Disminuyendo el riesgo de contagio

-Con el verano, las vacaciones y la playa, mucha gente termina relajándose con las medidas de prevención. ¿Cuál es el llamado para quienes estarán veraneando estos meses?

-Si no queremos volver a caer en medidas masivas, como las cuarentenas obligatorias de grandes áreas geográficas, tenemos que hacernos cargo del autocuidado. Eso significa usar la mascarilla la mayor cantidad de tiempo posible. Usarla correctamente, vacunarnos y ventilar. Es súper importante. Porque podemos mantenernos, así como estamos, en una suerte de libertad relativa bastante cómoda, que nos permite hacer casi de todo, pero debemos tener esas precauciones. También cumplir los aforos y mantener las reuniones masivas al aire libre. Con eso disminuye bastante la posibilidad de contagio.

«Chile, afortunadamente, en ningún momento, como sí lo han hecho otros países, ha levantado la recomendación del uso de la mascarilla en ambientes públicos y privados. Otros países, que lo han hecho, han tenido que retroceder. Y es difícil volver a instalar una medida cuando tú ya ganaste algún grado de ‘libertad‘».

-En la misma línea, ¿qué podemos agregar?

-Ninguna medida funciona si es que no hay fiscalización adecuada. Y hasta ahora, la fiscalización se ha visto bastante pobre. El pase de movilidad, actualizado el 1 de enero con tres dosis, es una excelente idea, pero que no tiene ninguna utilidad si es que no hay fiscalización adecuada. Si es que cada vez que yo tengo que ingresar a un lugar, como un restorán, una sala de cine, o hacer cualquier trámite en un centro cerrado… si es que no me piden el pase de movilidad, nadie lo va a cumplir. Necesitamos que sea correctamente fiscalizado. No sólo que me pidan el pase, sino que veamos que se fiscalice que esté vigente, y que corresponde a la persona que lo está mostrando. Porque igual, en Chile, hay harto pillo, digamos.

-En todo este contexto, ¿qué opina acerca de la aplicación de una cuarta dosis de la vacuna?

-Hoy, Israel es el único país que la está utilizando. Yo entiendo que el MINSAL lo anunció, y partiría ahora en enero. Hay que considerar que hay muchas vacunas, de otras enfermedades, que requieren dosis sucesivas. Lo que sabemos es que, a lo largo de los seis meses después de la segunda dosis (de la vacuna contra el Covid-19), decaen los anticuerpos, y se necesita una tercera. Todavía no hay estudios publicados que muestren que, después de seis meses de una tercera dosis, hayan decaído nuevamente los anticuerpos. En general, yo como médico que me dedico a hacer investigación, me gusta tener medidas en base a la evidencia científica. Yo no conozco, ni tengo entendido que haya publicaciones que demuestren la necesidad de una cuarta dosis. La necesidad teórica, sí. Pero me gustaría primero que se demostrara la caída de los anticuerpos, y la necesidad de colocar una cuarta dosis.

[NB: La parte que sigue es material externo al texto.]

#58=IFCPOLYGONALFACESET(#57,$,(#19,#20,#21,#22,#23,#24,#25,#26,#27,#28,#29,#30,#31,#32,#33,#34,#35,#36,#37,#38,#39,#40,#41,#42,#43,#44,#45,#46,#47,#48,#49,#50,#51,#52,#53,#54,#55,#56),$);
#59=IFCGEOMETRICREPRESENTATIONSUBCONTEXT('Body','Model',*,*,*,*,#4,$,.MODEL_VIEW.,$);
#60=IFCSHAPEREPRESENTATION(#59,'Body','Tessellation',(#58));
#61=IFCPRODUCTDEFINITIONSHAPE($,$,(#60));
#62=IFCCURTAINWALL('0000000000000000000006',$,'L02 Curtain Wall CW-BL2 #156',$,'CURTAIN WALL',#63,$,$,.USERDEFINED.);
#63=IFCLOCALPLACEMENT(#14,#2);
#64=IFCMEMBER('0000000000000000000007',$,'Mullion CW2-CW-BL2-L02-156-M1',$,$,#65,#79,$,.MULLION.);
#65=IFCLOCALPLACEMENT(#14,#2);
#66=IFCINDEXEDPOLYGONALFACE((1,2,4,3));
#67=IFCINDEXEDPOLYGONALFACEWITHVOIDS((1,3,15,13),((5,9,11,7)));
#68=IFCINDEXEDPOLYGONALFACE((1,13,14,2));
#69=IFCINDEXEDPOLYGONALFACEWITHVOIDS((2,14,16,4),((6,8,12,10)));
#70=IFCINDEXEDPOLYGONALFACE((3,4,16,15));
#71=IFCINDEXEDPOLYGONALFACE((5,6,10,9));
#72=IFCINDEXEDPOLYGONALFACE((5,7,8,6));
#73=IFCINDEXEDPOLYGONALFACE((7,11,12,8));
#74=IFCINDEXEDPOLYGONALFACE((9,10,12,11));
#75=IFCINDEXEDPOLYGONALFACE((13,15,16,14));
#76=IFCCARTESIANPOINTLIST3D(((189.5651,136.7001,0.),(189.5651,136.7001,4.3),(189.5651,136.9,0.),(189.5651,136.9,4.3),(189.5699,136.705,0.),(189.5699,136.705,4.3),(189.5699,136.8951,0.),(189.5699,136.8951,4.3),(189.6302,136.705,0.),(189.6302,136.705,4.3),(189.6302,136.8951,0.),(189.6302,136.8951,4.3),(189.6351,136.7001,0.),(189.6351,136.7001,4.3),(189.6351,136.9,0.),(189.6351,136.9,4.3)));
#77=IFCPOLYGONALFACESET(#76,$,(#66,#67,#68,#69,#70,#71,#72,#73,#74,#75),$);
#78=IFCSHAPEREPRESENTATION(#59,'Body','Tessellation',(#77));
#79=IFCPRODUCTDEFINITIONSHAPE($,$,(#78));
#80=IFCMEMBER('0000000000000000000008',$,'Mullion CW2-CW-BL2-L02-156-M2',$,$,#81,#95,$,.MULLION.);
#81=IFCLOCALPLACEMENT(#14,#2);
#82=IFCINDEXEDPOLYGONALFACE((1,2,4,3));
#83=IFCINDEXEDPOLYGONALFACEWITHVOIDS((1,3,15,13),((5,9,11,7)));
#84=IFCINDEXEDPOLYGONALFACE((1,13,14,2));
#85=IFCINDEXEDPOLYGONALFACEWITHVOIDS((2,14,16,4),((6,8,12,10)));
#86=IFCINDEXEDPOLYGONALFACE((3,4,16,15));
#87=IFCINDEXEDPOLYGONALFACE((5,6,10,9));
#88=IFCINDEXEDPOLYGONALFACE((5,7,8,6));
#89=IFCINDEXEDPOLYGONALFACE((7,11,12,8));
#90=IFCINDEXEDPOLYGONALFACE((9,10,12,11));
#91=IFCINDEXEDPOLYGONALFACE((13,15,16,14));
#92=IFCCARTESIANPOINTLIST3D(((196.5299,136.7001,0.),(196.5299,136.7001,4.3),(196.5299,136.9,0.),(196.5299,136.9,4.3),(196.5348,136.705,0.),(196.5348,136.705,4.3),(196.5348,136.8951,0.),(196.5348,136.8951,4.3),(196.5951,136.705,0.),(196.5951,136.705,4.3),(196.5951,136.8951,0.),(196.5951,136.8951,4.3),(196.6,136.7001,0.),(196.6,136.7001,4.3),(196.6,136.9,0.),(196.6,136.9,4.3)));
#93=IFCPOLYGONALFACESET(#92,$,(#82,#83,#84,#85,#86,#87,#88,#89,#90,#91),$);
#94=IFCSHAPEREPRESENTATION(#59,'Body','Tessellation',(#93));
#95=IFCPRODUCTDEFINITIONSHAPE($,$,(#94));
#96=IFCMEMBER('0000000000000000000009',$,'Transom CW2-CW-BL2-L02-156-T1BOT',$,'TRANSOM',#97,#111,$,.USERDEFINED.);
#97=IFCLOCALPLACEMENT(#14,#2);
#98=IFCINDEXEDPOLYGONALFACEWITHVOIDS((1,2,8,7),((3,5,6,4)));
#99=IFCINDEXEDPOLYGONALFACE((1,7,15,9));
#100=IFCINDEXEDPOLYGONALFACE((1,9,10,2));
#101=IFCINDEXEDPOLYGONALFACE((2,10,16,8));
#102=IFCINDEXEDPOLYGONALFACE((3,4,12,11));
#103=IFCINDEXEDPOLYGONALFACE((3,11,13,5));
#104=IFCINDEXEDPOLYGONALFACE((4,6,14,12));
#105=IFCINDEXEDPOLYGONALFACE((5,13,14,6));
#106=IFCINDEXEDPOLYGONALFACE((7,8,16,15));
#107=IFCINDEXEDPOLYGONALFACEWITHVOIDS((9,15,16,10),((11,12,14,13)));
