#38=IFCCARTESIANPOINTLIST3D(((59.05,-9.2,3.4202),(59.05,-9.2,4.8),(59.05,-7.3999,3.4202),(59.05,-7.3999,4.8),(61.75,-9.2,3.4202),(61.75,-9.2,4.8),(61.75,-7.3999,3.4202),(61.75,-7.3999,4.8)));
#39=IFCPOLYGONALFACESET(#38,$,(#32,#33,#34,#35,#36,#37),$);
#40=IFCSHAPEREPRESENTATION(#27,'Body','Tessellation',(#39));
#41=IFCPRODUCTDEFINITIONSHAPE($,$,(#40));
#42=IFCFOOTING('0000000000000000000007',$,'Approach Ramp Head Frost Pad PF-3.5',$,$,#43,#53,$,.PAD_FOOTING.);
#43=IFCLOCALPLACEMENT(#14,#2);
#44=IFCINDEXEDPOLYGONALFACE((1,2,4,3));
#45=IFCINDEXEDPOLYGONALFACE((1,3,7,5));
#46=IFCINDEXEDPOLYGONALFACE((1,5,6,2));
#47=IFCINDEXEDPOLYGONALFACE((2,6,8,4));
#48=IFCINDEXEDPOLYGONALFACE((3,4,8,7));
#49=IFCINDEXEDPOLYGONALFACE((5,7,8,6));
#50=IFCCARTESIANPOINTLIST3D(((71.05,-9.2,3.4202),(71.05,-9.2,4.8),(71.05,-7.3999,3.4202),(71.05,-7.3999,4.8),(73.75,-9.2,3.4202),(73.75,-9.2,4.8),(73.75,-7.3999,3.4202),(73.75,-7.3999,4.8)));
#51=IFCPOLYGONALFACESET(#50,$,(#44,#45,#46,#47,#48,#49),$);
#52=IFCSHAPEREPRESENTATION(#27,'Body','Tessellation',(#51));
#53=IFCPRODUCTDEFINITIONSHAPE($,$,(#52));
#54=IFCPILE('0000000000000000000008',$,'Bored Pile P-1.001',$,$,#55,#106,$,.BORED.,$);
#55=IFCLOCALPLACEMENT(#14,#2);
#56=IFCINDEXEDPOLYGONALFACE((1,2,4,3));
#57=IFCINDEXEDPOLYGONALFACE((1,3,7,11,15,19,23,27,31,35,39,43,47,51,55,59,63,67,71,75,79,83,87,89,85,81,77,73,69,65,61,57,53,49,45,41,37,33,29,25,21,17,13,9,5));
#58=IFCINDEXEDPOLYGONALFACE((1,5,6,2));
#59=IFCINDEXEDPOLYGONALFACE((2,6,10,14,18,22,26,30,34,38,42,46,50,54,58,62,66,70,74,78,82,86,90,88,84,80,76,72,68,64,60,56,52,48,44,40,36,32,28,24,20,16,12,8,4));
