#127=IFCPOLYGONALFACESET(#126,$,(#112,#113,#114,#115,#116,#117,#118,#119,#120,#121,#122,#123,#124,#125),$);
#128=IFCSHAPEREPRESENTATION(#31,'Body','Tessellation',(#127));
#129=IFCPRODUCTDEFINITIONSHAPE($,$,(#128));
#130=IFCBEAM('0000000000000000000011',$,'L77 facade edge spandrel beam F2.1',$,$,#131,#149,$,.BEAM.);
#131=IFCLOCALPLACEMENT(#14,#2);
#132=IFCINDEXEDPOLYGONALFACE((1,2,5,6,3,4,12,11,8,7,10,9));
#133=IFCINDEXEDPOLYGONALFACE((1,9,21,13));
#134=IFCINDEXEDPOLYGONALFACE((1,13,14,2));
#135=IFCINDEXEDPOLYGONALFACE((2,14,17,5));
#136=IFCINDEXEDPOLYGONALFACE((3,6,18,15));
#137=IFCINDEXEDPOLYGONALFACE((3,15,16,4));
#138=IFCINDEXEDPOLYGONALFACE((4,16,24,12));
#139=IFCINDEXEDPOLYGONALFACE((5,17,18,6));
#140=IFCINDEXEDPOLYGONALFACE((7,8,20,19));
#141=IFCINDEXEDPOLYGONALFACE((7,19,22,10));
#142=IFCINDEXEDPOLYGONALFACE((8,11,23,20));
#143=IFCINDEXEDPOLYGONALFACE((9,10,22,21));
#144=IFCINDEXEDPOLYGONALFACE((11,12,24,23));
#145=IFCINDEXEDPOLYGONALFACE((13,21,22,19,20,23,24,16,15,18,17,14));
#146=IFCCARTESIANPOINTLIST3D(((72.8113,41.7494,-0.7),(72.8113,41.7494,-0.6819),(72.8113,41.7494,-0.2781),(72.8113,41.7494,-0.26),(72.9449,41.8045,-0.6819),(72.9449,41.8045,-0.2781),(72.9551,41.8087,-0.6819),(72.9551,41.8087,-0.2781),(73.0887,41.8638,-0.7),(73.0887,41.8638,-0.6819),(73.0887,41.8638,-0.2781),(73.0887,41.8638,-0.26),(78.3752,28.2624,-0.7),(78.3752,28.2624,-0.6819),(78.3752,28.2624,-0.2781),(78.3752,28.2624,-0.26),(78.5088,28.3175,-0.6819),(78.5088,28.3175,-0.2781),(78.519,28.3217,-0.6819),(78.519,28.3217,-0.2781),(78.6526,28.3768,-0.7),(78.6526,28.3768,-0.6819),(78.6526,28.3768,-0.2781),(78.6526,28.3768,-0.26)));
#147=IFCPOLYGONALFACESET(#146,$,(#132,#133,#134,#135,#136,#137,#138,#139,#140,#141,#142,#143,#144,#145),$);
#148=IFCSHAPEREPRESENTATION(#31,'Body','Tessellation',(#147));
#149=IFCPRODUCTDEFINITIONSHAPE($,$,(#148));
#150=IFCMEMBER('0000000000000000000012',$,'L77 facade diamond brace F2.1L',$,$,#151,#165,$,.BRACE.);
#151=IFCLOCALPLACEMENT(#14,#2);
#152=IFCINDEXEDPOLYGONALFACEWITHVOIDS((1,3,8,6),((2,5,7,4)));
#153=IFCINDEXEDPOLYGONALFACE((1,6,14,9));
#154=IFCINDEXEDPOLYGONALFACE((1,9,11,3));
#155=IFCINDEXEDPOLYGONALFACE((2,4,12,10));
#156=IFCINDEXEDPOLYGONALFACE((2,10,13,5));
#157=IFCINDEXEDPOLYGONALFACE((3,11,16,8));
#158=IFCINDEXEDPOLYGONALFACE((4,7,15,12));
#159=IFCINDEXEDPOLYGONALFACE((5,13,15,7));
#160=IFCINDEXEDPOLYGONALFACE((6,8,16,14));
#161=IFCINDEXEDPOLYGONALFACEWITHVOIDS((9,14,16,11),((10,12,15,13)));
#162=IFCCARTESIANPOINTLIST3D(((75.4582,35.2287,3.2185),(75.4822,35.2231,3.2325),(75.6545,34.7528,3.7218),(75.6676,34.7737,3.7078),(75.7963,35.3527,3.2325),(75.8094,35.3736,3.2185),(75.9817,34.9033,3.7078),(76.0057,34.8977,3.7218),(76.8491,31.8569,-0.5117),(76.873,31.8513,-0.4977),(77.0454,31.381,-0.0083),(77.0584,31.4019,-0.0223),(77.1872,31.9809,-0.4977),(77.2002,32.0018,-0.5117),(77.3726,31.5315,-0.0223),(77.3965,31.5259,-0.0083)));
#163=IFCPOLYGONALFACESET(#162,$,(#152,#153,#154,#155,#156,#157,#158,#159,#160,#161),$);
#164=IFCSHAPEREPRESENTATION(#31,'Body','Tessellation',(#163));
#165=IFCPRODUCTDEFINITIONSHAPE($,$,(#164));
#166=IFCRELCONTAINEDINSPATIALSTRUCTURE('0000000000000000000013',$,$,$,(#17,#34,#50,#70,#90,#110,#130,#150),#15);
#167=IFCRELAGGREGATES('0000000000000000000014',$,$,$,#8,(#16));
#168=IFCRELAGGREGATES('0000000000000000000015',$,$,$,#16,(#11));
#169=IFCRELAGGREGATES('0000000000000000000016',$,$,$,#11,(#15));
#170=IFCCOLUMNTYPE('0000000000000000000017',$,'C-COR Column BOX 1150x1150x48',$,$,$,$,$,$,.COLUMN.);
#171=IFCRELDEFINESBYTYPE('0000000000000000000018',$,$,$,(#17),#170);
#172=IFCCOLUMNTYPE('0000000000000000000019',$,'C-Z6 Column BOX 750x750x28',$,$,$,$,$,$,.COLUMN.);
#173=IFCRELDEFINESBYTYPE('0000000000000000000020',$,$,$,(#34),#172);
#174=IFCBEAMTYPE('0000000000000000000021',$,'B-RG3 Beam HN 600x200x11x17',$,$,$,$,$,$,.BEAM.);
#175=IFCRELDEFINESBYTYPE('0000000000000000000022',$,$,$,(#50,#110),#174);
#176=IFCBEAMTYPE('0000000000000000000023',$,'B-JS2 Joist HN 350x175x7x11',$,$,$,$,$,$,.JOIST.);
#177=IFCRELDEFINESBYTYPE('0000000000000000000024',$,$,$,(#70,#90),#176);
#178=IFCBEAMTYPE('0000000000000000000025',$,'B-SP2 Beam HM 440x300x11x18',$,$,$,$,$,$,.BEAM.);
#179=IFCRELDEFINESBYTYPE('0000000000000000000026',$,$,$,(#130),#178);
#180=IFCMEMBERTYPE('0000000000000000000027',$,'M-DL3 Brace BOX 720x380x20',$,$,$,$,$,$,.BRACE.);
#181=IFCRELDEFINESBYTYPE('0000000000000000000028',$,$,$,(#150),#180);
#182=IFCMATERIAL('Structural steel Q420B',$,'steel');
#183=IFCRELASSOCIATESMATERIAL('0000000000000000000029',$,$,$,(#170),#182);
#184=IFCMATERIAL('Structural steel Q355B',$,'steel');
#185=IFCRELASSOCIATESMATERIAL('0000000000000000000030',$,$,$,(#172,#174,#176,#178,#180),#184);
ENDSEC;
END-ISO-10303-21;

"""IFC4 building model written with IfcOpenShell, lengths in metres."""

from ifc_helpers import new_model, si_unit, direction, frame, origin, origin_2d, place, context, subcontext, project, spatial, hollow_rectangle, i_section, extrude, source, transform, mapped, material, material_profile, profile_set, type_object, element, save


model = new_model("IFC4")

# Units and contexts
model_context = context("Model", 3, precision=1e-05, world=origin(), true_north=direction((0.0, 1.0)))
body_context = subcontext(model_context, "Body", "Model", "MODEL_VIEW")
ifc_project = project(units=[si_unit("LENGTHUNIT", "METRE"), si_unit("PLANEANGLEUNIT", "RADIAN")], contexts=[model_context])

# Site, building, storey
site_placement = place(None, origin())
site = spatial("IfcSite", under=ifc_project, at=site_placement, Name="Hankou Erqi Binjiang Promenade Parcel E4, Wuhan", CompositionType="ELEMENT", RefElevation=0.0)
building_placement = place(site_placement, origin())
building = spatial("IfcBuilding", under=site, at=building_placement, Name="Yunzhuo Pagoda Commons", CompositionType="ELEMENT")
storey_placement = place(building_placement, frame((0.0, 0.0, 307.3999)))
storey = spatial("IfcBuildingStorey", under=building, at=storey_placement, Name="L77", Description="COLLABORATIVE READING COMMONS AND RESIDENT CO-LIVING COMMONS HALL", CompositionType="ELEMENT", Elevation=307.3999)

«Si no queremos volver a caer en medidas masivas, como las cuarentenas obligatorias de grandes áreas geográficas, tenemos que hacernos cargo del autocuidado. Eso significa usar la mascarilla la mayor cantidad de tiempo posible».

-Entonces, ¿está a favor de que se aplique como se ha planteado en Chile?

-Entiendo que eso partiría ahora, y me parece bien que al menos se enfoque en los grupos de mayor riesgo, que son los inmunodeprimidos, que siempre tienen anticuerpos más bajos, porque sus sistemas inmunológicos están más débiles y, por lo tanto, siempre tienen una respuesta que es más pobre a las vacunas. Y también en las personas que están más expuestas, que es el personal de salud.